Just declare it I guess.



Usarise said:


> anime cons ARE fun.... but then the furs invade! >.>


Anime, Bronies, Comic con, Every thing was peaceful until the furry fandom invaded.


----------



## Troj (Mar 17, 2016)

Some poster on Metafilter said that if you're >2sigma away from the norm where imagining yourself and/or others as animals is concerned, then you're a furry. I rather liked that.

If you have a particular fascination with or preference for anthro animal characters, you're a furry. 

If, _all other things being equal_, you generally prefer anthro animal characters over human characters, you're a furry.

If you've ever had a crush on an anthro character, you're _not_ necessarily a furry, but you _do_ have furry tendencies, because you can at least enter that headspace. If you have furry tendencies or can enter the furry headspace while being a snide dick to actual furries, you can bet I'll call you out on your hypocrisy.

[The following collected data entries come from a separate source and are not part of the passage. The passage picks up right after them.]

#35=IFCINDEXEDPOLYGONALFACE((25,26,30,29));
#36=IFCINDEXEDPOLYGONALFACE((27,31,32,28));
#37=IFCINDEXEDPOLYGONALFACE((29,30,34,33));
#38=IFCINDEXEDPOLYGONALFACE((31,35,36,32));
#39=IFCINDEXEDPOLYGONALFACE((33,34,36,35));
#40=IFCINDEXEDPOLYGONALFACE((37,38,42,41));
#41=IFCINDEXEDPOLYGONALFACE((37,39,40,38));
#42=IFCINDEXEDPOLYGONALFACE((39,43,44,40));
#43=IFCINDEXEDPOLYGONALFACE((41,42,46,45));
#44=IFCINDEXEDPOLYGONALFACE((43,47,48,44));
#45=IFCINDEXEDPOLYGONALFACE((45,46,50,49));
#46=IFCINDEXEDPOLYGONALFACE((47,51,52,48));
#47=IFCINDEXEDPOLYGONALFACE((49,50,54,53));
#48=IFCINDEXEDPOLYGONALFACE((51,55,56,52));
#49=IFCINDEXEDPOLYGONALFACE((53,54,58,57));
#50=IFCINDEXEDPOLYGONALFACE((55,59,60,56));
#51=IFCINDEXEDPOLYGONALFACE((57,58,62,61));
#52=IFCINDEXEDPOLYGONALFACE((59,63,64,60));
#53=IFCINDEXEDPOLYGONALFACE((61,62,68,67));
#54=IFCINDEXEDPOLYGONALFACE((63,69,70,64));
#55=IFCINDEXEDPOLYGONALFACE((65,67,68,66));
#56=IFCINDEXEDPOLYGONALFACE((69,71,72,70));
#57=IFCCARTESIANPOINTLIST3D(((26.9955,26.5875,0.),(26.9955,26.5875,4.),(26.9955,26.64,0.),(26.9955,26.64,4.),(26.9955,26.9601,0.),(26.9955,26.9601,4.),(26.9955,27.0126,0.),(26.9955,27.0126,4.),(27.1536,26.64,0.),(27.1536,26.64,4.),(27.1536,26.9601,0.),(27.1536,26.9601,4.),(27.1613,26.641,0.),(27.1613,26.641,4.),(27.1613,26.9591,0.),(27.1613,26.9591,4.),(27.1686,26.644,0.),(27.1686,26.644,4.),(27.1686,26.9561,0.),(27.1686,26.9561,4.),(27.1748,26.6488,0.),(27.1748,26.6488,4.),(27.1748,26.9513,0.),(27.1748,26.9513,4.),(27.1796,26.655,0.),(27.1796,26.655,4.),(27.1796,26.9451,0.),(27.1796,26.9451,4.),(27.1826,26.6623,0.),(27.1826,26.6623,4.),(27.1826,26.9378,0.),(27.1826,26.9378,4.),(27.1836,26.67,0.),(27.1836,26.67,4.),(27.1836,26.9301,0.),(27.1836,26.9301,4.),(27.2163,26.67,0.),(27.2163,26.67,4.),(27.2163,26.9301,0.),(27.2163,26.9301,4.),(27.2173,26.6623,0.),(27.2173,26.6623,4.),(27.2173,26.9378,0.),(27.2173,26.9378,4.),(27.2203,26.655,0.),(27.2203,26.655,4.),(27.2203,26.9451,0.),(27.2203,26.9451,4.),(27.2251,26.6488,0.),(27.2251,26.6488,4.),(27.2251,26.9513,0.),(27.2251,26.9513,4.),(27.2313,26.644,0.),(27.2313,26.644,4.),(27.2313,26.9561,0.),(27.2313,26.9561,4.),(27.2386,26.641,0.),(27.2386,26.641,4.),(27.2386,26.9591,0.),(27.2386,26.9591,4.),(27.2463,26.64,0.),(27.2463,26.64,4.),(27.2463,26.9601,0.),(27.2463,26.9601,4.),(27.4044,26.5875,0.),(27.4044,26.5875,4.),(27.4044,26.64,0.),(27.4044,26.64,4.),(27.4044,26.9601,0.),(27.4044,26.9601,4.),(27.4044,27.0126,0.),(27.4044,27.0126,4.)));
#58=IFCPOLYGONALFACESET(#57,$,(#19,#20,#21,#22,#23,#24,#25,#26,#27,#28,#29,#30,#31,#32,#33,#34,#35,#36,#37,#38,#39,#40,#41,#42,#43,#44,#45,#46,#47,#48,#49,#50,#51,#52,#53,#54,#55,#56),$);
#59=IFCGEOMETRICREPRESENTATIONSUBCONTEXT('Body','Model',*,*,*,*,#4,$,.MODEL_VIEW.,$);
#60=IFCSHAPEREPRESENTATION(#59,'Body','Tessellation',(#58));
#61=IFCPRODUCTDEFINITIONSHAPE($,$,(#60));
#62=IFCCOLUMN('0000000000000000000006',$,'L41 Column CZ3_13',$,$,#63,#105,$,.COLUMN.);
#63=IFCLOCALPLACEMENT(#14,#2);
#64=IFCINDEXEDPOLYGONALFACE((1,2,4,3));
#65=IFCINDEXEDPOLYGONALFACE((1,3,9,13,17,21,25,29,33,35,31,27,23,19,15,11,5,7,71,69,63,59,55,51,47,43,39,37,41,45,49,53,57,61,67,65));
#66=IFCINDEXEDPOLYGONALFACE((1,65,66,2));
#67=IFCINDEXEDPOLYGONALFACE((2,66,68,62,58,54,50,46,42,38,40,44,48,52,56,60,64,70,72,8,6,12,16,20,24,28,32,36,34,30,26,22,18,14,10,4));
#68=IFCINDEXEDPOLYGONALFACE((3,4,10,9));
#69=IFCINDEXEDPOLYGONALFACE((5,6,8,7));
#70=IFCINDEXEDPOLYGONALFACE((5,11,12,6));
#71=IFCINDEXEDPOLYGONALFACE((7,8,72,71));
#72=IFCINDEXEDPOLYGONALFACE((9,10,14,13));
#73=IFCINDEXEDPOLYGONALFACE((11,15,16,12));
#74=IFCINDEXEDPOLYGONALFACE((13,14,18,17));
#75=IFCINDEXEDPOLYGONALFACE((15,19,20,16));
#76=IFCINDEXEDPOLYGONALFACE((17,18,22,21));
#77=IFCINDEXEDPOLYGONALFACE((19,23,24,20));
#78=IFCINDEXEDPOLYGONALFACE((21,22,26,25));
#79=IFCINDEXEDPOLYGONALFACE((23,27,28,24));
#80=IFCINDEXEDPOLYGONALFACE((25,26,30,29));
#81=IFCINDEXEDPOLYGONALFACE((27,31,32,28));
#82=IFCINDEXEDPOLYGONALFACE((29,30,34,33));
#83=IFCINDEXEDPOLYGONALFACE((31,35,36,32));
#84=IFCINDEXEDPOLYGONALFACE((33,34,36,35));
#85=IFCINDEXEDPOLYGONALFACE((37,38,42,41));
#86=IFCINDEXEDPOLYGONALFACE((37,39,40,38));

Liking or creating one or two movies, TV shows, comics, art pieces, or stories that involve anthros _doesn't_ make you a furry, _especially_ if you see the anthro-ness of the characters as a side dish or as icing on the cake, so to speak, and are primarily fascinated, inspired, or captivated by _other _aspects of the piece.


----------



## sarnarus (Mar 17, 2016)

I agree with what natalie said, if you think youre a furry then youre a furry and if you think to yourself "naah im not a furry" well then there ya go, its pretty black and white


----------



## Maximus B. Panda (Apr 20, 2016)

Here is a list:
-Draw with the same art style as everyone else
-Draw a lot of tasteless porn ("art")
-Own a fursuit
-Regularly attend conventions
-Pick up a fetish
-Artwhore constantly


----------



## SolDirix (Apr 20, 2016)

Just try not to shave, ever. You might get lucky and grow some fur.


----------



## Ricky (Apr 20, 2016)

CarbonCoal said:


> In my opinion it depends on whether or not you consider yourself a furry and if you can really get into the fandom.If you watch MLP that doesn't automatically make you a brony just because you like the show.

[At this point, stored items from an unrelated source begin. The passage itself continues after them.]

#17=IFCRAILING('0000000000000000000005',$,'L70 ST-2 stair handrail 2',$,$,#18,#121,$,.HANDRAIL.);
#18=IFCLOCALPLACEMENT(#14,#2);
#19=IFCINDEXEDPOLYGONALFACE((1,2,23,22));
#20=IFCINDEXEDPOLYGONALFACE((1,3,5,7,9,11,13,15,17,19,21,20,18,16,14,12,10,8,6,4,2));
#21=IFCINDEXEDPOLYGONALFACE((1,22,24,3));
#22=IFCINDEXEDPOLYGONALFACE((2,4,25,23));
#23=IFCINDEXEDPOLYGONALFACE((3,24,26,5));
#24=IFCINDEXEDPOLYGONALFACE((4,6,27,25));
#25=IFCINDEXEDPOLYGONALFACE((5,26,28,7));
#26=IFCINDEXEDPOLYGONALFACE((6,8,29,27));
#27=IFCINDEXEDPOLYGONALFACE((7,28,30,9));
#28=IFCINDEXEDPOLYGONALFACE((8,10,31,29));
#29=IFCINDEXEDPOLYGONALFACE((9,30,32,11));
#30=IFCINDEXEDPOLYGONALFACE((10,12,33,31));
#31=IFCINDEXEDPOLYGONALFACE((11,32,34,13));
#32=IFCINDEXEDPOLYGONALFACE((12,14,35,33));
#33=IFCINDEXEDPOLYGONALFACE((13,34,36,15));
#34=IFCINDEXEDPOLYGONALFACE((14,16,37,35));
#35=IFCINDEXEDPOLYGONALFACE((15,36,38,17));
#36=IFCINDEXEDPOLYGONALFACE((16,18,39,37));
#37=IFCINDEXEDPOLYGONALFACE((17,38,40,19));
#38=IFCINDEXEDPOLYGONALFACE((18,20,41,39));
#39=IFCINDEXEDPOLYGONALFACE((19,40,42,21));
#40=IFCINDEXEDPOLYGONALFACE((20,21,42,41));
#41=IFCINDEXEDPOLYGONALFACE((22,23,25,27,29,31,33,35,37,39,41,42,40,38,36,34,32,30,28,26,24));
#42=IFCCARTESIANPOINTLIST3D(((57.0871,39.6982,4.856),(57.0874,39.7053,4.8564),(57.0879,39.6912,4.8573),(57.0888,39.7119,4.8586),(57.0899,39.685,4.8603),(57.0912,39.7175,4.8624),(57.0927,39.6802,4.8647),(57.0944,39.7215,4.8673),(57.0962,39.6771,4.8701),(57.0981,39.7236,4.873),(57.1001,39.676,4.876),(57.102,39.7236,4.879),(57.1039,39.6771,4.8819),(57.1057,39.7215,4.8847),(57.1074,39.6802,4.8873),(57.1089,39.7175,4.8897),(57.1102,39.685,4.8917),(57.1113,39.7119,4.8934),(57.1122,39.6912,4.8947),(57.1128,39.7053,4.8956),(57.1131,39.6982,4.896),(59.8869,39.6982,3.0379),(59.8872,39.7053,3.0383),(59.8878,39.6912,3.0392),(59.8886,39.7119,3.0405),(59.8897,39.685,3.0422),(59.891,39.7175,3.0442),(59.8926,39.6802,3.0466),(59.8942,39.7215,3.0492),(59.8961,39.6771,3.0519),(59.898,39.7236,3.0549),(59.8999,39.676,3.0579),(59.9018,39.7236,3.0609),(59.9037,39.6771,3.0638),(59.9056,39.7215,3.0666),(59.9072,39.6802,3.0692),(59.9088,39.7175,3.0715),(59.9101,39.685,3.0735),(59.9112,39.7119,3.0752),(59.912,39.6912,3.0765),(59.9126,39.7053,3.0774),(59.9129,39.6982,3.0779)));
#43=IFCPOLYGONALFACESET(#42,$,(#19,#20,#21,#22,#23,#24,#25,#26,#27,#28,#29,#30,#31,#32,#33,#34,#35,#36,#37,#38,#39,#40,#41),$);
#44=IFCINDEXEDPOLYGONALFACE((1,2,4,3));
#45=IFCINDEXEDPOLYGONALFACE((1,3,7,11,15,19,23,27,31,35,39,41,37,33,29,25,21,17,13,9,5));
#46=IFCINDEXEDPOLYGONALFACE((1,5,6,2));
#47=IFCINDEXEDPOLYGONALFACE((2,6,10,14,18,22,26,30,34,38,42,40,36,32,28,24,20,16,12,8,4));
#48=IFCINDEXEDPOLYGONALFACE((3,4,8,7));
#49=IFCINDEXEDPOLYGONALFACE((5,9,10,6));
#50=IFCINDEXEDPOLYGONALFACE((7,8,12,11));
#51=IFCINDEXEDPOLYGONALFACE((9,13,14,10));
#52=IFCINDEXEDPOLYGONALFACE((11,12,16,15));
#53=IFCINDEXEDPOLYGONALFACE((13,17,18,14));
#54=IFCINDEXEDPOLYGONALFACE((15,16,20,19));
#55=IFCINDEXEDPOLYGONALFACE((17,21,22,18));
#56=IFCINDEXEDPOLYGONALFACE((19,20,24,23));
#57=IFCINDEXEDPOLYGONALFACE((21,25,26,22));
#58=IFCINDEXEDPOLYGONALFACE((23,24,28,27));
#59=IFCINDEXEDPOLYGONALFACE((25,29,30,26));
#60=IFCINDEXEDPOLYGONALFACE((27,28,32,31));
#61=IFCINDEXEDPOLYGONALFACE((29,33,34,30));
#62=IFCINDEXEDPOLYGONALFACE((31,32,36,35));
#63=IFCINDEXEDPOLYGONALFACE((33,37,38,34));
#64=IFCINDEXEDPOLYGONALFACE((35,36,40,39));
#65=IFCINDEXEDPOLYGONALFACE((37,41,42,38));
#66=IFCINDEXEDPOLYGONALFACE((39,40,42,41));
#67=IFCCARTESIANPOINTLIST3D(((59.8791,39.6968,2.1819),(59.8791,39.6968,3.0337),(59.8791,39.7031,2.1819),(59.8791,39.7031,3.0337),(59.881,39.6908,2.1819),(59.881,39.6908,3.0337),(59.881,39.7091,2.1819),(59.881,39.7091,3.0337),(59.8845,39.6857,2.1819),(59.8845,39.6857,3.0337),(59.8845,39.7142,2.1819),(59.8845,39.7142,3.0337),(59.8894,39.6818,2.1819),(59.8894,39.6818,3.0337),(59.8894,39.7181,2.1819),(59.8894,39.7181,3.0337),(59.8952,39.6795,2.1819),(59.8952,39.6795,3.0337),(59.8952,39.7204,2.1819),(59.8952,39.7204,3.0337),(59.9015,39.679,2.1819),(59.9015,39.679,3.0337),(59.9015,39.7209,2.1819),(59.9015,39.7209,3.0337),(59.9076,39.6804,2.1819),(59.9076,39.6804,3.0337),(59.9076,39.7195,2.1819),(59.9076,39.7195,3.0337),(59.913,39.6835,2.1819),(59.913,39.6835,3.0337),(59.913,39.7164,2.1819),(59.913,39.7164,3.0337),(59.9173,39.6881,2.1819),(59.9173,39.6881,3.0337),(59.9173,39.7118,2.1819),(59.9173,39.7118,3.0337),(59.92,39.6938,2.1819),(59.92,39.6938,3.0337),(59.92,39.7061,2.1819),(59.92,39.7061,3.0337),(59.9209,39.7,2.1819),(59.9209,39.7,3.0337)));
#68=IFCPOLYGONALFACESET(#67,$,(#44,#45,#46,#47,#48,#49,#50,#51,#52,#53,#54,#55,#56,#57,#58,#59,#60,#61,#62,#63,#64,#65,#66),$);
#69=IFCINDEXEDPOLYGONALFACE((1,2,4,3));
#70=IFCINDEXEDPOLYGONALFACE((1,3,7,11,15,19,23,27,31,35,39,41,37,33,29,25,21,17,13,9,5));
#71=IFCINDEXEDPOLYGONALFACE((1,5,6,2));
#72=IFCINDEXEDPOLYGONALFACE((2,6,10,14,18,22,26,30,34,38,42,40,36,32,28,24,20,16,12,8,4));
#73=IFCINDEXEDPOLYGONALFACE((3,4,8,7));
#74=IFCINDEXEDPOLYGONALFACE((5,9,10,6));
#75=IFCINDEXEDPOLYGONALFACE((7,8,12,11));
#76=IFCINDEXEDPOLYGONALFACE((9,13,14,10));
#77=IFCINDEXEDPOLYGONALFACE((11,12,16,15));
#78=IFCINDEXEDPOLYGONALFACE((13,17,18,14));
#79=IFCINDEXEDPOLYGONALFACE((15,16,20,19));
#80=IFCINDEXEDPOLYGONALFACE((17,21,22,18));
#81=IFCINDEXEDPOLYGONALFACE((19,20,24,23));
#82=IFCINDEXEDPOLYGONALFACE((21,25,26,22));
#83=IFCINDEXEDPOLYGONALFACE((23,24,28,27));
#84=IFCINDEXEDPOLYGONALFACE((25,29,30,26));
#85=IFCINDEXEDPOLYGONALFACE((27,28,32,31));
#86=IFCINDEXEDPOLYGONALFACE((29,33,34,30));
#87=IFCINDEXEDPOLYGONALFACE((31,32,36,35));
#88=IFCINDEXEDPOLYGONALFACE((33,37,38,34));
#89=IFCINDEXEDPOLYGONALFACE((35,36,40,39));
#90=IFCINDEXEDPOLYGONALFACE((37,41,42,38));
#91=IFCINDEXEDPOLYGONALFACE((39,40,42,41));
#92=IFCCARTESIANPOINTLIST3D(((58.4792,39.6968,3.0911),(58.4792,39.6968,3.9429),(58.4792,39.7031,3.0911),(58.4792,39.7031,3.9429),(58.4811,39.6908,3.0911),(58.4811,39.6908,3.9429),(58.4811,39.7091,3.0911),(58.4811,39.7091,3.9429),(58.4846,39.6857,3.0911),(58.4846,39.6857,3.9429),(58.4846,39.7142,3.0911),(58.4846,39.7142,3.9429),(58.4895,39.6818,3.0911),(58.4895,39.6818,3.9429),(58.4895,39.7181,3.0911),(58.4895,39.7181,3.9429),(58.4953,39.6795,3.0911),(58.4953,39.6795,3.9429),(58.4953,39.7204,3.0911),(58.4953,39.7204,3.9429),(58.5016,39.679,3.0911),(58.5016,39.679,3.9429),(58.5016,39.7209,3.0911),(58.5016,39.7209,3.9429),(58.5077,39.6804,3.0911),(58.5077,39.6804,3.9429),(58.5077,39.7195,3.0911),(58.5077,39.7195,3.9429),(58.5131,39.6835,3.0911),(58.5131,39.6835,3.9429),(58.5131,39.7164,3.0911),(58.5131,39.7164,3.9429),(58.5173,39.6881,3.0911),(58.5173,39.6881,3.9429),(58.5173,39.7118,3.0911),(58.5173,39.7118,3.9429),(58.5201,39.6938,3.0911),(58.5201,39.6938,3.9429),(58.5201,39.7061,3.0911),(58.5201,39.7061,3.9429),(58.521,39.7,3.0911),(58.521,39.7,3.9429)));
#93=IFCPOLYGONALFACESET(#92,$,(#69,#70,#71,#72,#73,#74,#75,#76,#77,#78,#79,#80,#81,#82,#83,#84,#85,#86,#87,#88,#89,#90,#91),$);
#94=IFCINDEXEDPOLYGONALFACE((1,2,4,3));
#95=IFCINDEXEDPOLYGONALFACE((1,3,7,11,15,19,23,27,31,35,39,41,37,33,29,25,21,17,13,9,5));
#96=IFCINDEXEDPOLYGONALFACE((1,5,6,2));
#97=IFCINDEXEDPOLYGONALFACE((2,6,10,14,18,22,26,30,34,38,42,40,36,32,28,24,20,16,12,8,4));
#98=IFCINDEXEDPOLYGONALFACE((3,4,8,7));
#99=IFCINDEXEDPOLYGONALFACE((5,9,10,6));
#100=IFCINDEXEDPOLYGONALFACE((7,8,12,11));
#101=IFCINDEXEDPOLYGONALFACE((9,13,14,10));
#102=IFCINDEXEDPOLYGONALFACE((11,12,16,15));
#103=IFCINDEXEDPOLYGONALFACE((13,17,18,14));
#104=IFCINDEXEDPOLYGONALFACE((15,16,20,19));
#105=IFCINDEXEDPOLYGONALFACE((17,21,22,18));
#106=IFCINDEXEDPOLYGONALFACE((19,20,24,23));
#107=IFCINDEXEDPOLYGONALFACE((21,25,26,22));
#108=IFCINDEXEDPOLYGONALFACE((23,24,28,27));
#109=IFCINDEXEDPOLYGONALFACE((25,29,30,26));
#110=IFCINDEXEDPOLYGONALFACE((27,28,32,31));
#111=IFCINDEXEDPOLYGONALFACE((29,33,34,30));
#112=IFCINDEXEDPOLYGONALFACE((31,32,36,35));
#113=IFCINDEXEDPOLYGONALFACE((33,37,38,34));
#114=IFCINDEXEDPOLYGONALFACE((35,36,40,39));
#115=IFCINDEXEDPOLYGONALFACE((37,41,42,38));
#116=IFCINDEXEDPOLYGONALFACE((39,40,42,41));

Definitions can't be subjective, by the very definition of defining things. So, I don't think calling oneself a furry is a good definition. It's a matter of involvement perhaps, but the term mostly carries the implication of associating with that subculture and the people in it. I think it's funny for example, when someone obviously spends a ton of time on FA and then registers here with an anthro avatar, to post that they "aren't a furry." Sorry. _Guilt by association_.

If you look like a duck, and talk like a duck.. then you might as well quack :V


----------



## RinkuTheRuffian (Apr 20, 2016)

I have a friend that isn't a furry, but is considering doing furry commissions because there's a market for it.  It's up for debate, but I believe that if you don't want to fall under a category: don't.  Life's too short to be something you don't want to be.  But, of course, there's going to be people who'll associate you as a furry anyway because it's easier to categorize.  Just be you.


----------



## Ricky (Apr 20, 2016)

RinkuTheRuffian said:


> It's up for debate, but I believe that if you don't want to fall under a category: don't.  Life's too short to be something you don't want to be.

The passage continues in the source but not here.